Since the dynamics of \(S\) and \(I\) decouple from those of \(R\), we can consider the simpler two state system separately.
Example 2.4 The classic logistic growth model should be introduced as \[\frac{dN}{dt} = bN-(d+aN)N\] where the population size, or density, \(N\) is our dependent variable, time, \(t\), is our independent variable, and \(b\), \(d\), and \(a\) are parameters representing birth, death, and increased mortality due to crowding, respectively. Assume the three parameters are positive real numbers.
This is more commonly written as \(\frac{dN}{dt} = rN(1-N/K)\), with \(r = b-d\), \(K = (b-d)/a\), and the added assumption that \(b>d\).
Exercise 2.1 First, suppose \(b\ne d\) and show that we can, without loss of generality, rescale \(t\) by the net growth rate \(r\) giving rise to the equation \[\frac{dN}{dt} = N-\frac{N^2}{K}\]
Second, let \(x(t) = \bar{N}^{-1} N(t)\), and show that \(x\) must satisfy the equation \[\frac{dx}{dt} = x-\dfrac{\bar{N}}{K}x^2\]
Hence, setting \(\bar{N} = K\) results in an ODE for \(x\) with no free parameters. Note, if \(x(t)\), with the rescaled time is a solution to this last equation, then \(N(t^*) = \bar{N}x(rt^*)\) is a solution to the original equation with the original time scale.

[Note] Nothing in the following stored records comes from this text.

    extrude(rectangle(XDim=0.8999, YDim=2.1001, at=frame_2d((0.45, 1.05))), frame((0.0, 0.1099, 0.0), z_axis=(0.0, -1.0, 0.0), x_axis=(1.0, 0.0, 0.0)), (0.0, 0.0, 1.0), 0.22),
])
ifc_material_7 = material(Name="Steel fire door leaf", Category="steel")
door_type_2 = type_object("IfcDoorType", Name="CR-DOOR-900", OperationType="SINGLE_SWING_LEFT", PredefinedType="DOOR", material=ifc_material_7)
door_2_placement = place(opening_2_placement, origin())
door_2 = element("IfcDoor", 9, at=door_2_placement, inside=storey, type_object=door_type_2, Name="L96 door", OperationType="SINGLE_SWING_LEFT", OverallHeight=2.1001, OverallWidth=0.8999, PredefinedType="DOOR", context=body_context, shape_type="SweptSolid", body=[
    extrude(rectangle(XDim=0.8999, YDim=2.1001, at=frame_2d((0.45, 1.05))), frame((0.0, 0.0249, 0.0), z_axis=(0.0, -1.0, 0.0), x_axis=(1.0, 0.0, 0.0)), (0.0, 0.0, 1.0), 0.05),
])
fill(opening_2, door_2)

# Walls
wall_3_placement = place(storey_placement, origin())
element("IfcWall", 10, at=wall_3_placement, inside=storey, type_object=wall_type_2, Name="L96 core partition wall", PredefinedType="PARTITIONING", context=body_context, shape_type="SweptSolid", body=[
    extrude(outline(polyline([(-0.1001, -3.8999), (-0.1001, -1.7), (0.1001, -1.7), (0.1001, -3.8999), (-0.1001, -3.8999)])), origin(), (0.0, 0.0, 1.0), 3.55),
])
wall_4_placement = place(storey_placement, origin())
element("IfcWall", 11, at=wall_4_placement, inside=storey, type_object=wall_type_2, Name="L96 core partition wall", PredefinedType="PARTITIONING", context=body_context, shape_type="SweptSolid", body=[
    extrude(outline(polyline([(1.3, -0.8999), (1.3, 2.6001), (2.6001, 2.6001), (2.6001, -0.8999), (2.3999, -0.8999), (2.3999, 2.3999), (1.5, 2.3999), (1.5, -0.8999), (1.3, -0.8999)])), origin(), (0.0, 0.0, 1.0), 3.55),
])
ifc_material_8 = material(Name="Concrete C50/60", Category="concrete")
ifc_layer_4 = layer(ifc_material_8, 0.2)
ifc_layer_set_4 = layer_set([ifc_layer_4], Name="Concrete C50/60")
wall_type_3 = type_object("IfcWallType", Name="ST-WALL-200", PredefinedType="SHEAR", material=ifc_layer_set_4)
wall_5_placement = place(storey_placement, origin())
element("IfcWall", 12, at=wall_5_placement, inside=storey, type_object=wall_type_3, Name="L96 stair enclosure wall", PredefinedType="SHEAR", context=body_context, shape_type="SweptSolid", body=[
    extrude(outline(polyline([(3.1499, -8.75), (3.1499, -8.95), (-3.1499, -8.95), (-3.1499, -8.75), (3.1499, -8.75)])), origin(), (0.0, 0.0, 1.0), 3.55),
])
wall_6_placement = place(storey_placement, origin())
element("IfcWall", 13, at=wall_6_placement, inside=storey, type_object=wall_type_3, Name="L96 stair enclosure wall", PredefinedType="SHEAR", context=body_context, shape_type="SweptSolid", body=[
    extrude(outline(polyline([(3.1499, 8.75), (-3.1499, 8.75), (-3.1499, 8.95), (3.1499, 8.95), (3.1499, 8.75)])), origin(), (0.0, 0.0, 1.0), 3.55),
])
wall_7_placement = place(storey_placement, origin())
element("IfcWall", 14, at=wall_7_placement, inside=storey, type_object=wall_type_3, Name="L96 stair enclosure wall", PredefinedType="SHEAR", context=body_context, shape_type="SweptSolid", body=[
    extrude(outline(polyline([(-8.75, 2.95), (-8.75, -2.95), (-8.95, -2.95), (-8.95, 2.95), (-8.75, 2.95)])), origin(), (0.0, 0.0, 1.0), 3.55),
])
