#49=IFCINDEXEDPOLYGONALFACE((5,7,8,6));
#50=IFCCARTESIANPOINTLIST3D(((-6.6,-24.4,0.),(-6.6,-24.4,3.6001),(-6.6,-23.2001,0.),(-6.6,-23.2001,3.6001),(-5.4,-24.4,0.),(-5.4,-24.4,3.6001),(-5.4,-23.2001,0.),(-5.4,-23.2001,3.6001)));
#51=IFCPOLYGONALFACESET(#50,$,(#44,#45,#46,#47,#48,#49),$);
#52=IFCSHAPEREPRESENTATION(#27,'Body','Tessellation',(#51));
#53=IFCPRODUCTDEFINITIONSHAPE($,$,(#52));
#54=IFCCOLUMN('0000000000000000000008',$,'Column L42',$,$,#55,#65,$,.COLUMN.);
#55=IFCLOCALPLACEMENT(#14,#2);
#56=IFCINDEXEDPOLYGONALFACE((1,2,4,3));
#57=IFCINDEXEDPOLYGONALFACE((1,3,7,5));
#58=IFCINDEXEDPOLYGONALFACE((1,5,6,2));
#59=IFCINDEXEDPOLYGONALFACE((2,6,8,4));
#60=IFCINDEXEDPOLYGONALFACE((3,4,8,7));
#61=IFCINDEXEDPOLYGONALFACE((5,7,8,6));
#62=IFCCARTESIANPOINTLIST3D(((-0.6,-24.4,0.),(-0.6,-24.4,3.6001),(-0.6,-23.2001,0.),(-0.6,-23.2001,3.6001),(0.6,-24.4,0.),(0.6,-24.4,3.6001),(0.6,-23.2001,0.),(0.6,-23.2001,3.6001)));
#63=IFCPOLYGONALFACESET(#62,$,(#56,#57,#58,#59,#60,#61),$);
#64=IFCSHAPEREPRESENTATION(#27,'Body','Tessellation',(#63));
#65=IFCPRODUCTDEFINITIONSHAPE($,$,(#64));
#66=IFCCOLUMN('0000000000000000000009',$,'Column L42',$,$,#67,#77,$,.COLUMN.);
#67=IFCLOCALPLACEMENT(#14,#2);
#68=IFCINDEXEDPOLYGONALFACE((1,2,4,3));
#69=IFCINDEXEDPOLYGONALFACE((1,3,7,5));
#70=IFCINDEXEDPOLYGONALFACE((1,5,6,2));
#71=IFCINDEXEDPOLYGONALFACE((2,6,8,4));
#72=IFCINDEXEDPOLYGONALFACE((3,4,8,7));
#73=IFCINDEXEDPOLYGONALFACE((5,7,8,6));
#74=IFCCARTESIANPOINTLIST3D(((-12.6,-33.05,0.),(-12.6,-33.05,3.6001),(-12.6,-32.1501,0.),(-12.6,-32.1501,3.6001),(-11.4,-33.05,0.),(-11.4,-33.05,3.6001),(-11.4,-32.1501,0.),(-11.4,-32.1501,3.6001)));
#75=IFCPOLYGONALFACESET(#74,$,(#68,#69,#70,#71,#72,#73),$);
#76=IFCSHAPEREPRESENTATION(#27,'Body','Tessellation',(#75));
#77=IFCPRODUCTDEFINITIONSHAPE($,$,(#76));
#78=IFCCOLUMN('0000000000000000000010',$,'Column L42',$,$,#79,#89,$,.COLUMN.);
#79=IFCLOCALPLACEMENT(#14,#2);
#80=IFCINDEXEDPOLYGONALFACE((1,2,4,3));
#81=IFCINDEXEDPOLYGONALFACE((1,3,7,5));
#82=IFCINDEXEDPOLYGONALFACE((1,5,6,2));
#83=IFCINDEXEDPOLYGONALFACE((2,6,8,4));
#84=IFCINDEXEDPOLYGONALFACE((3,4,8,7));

Exercise 2.2 Repeat Exercise 2.1 under the assumption \(b < d\). Be sure to keep the scales positive so that rescaled time and population have the same signs as the original variables.
2.3 First order separable equations
A first order linear differential equation of the form \(\frac{dy}{dt} = f(y)g(t)\) is said to be separable. It can be solved by a single integration step. \[\begin{align*}
\frac{dy}{dt} &= f(y)g(t) \\
\frac{1}{f(y)}\frac{dy}{dt} &= g(t) \\
\int \frac{1}{f(y)}\frac{dy}{dt}\,dt &= \int g(t)\,dt + C \\
\int \frac{1}{f(y)}\,dy &= \int g(t)\,dt + C
\end{align*}\]
Example 2.5 Find the general solution to the differential equation \(\frac{dy}{dt} = ry\cos(t)\).

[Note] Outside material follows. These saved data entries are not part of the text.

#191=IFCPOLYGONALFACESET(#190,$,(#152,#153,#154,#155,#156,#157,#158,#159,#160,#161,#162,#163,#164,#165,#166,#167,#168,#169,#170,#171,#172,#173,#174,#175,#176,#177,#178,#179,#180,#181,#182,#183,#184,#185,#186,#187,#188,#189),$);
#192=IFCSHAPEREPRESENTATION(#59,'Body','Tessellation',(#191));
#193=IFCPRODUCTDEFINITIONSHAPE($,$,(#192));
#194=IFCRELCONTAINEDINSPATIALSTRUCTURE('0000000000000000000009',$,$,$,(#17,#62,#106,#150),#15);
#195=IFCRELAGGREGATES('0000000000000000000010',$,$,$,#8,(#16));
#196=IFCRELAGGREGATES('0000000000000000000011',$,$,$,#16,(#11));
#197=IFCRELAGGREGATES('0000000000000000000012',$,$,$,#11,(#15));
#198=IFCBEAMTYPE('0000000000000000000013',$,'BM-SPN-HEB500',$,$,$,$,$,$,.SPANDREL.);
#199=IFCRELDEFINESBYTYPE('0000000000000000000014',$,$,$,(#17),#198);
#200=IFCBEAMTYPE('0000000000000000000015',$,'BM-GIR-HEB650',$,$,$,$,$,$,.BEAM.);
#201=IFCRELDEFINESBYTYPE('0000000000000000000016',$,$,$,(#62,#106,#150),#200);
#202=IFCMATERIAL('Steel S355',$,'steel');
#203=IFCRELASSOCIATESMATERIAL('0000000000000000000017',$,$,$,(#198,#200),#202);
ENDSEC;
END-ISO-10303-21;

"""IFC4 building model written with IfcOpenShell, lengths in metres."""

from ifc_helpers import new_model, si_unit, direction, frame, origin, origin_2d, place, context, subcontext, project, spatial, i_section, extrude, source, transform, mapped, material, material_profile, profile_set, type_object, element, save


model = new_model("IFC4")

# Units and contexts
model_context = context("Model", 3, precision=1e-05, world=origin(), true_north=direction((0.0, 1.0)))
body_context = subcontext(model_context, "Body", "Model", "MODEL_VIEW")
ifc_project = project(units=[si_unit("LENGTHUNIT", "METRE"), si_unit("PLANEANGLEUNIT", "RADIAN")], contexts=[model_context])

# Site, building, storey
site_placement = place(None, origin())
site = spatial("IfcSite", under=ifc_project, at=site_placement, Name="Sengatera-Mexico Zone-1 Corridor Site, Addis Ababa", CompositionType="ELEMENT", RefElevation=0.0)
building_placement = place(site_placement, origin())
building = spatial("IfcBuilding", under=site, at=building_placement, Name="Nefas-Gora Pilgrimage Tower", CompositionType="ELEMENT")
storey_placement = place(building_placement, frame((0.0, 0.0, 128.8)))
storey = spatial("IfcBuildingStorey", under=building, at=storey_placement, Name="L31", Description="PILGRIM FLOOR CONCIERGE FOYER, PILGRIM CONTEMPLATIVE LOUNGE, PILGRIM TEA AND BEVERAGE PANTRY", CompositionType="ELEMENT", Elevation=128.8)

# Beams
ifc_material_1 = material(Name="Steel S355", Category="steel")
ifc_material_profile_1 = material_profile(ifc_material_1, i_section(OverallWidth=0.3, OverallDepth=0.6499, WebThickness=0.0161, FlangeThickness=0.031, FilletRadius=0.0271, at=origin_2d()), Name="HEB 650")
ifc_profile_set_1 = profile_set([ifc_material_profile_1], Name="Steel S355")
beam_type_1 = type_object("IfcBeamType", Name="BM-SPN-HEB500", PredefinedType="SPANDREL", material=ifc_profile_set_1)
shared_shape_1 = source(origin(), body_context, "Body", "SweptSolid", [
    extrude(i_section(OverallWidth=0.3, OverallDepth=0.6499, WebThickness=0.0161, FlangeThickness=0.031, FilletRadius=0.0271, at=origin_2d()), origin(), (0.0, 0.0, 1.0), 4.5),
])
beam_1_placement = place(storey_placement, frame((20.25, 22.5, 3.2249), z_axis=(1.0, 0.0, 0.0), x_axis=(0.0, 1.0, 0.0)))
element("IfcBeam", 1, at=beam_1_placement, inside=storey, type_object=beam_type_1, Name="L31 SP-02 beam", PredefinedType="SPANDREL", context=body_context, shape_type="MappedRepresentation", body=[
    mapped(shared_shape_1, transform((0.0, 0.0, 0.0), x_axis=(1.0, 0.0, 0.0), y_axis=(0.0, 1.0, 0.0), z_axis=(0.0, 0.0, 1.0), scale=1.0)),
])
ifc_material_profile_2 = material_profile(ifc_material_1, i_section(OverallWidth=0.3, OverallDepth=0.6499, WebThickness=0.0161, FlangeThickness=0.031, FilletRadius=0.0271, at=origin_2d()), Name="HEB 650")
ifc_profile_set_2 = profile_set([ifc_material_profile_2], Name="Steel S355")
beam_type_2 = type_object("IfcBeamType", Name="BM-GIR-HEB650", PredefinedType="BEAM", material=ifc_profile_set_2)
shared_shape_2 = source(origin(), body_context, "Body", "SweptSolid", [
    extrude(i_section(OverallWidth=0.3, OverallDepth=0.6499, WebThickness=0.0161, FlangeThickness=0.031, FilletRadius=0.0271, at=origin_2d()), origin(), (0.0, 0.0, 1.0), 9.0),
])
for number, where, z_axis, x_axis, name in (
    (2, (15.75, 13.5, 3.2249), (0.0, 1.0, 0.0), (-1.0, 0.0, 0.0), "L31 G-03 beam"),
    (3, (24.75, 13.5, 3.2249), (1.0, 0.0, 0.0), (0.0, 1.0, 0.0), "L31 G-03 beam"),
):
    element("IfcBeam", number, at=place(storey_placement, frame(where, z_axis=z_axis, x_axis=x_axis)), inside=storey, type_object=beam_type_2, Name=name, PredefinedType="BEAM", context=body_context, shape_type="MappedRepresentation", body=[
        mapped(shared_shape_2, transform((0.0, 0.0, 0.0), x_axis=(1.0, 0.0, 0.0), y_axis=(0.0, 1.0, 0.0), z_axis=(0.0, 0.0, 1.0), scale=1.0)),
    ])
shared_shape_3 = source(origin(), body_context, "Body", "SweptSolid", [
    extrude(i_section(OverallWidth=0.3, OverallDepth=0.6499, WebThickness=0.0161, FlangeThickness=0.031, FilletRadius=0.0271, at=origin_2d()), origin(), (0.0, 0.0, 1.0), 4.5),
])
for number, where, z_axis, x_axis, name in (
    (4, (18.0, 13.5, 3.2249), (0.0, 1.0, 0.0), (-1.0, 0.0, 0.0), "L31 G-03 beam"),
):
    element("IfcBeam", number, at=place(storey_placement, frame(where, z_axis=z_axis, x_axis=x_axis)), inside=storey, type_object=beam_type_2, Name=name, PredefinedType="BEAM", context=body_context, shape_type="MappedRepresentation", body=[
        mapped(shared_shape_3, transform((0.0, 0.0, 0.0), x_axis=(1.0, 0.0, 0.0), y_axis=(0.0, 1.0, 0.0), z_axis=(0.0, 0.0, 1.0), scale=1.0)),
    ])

Separating variables and integrating leads to \[\begin{align}
\int \frac{1}{y}\,dy &= \int r\cos(t)\,dt +C \\
\log |y| &= r\sin t + C \\
y(t) &= \pm\exp(C+r\sin t )
\end{align}\] The solution is usually given in the form \(y(t) = y_0e^{r\sin(t)}\). Since \(C\) is an arbitrary constant, \(y_0 = \pm e^C\) is also arbitrary.
Note
Since we divide by \(y\) on our first step in this example, we must assume \(y\ne0\). However, it is easy to see by inspection that \(y=0\) is also a solution to the equation.
Hence, we can express the general solution as \(y(t) = y_0\exp(r\sin t)\) where \(y_0\) can be any real number.
Example 2.6 Find the general solution to the differential equation \(\frac{dy}{dx} = \frac{6x^2}{2y+\cos y}\).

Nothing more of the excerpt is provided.